自殺要因ですが、「進路に関する悩み55人▽学業不振52人▽親子関係の不和42人――」としており、文科省は「前年までであれば踏みとどまっていた子どもたちが、『コロナ禍』による先行きの不透明感や社会不安によって自殺に至ってしまった可能性がある。新型コロナの影響は今後も続くため、予防教育や相談体制を強化していきたい」と話しています。

厚労省のデータから

ニュースのあらましがわかったところで、『令和2年度版自殺対策白書』を見てみます(以下、参考にリンクを張っています)。

まず始めに、年齢階級別の自殺者数の推移について、グラフ[第1-5図]を見てみると、昭和53年の調査開始以来、2,000人を超えることはなく、概ね横ばいの状況です。また、死亡率[第1-6図]の推移を見ても、他の年代と比較して、さして多いとは見受けられません。むしろ、壮年期と言われる年代の自殺者数が目立つ傾向にあると見受けられます。
しかし、その下の「死因順位別にみた年齢階級・性別死亡数・死亡率・構成割合」を確認すると、総数として10代から39歳までの死因のトップは「自殺」となっています。また、男性は10代から壮年期の44歳、女性は34歳までの死因が「自殺」となっています。
この現状は世界の先進国(G7)の中でも日本のみという結果です。

さて、本題の若年層についてですが、同サイト「職業別の自殺者数の推移」から「学生・生徒等の自殺者数の推移」[第1-11図]をみると、調査を開始した昭和53年は829人、一時は500人を割る数字になったものの、最新の令和元(2019)年には888人と調査開始の数字を上回る結果となっています。
また、「令和元年の自殺の状況」には若い世代及び学生・生徒の自殺の要因として「学校問題」が多くを占め、次いで「健康問題」「家庭問題」があげられています。
加えて、2020年は新型コロナウィルスによる世界的なパンデミックが起こり、自宅にいることが多くなったことがあげられると思います。
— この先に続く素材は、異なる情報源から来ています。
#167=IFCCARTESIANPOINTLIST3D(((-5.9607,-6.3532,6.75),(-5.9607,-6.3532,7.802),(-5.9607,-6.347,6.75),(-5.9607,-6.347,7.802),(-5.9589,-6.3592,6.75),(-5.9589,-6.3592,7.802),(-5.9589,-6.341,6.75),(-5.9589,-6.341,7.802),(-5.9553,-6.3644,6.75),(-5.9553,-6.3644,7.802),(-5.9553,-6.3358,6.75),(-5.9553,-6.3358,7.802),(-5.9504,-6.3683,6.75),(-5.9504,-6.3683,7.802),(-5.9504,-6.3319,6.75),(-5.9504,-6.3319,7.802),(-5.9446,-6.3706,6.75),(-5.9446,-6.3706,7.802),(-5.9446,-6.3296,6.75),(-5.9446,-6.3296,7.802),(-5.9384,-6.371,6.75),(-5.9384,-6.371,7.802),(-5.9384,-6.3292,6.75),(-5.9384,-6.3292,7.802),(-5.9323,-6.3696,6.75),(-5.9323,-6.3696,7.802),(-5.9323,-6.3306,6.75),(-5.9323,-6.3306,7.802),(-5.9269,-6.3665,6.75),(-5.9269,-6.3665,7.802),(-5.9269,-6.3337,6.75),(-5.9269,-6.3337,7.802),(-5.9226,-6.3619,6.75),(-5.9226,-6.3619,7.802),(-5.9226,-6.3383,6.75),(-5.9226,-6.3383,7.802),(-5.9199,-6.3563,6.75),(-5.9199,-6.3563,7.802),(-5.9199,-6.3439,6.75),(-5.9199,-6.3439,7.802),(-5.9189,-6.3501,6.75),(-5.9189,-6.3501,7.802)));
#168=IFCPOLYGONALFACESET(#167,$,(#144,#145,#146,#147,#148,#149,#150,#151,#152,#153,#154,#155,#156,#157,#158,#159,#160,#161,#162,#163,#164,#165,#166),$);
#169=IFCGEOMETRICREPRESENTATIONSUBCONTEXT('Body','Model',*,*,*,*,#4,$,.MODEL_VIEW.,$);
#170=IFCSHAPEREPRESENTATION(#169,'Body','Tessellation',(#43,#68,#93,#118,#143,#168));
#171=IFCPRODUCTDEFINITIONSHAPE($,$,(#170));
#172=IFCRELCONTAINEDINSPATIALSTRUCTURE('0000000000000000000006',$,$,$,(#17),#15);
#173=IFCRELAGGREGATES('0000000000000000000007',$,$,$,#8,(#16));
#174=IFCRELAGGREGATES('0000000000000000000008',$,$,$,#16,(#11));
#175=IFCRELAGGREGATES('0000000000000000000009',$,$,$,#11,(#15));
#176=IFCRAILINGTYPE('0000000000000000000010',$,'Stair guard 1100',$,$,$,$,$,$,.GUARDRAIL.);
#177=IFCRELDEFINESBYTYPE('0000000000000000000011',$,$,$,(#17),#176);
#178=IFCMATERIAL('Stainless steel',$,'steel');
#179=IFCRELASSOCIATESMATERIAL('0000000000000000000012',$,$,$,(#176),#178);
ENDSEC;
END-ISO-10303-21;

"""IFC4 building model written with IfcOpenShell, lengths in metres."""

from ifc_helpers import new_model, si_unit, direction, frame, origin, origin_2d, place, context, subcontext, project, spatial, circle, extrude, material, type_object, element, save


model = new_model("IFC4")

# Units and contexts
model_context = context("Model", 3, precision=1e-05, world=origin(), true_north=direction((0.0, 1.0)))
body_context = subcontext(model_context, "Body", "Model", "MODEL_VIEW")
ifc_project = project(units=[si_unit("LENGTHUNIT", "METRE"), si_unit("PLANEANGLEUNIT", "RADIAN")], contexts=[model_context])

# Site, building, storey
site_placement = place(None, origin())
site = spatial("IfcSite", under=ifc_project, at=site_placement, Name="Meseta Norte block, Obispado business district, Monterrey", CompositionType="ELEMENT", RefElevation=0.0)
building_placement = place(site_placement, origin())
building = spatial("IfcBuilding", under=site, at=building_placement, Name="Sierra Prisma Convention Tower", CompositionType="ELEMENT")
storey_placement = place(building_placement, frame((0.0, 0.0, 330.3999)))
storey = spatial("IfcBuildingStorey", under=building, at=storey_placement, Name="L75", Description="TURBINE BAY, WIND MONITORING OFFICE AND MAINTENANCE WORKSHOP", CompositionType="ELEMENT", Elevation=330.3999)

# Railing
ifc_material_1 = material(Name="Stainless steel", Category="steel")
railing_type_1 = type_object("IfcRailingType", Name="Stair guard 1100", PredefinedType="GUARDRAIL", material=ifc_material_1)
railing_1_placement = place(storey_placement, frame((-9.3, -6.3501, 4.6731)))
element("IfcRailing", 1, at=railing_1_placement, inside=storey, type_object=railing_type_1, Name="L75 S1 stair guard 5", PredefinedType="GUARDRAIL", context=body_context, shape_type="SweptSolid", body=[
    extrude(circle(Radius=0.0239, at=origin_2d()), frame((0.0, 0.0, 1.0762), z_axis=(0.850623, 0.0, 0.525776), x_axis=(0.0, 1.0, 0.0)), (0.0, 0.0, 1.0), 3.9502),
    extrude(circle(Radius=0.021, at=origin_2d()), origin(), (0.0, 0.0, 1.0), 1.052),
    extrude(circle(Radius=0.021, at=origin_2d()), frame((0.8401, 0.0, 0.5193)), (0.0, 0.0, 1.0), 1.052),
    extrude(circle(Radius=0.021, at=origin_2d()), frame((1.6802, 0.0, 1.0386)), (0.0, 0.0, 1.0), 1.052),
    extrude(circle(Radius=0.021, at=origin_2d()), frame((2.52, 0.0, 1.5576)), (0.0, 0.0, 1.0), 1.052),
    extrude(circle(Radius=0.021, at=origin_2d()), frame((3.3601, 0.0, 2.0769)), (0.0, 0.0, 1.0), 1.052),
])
ですから、昨年は主に「学校問題」というよりも、「家庭問題」が要因として多くあげられるのではないかとも考えられます。

結論として、若い世代の自殺はけして数自体多くない。しかし、学校での学業や対人関係(いじめなど)、家庭問題を苦に自殺する若い世代が後を絶たないというのも見過ごすことのできない事実であると言えるでしょう。

自殺防止のために何ができるか

昨年は、コロナウィルスの流行によって学校ではなく自宅にいることが多く、近年SNSが発達しているということはあれど、孤立した状態が長く続きました。また、これが収束するかわからないという不安の中で自殺をしてしまったというケースが多かったのではないかと推測します。
さて、ではそんな彼らに対し、私たちは何ができるでしょうか。
はっきりいって、できることは多くないと考えます。疫病が流行している中で直接対面で話すということは以ての外でしょう。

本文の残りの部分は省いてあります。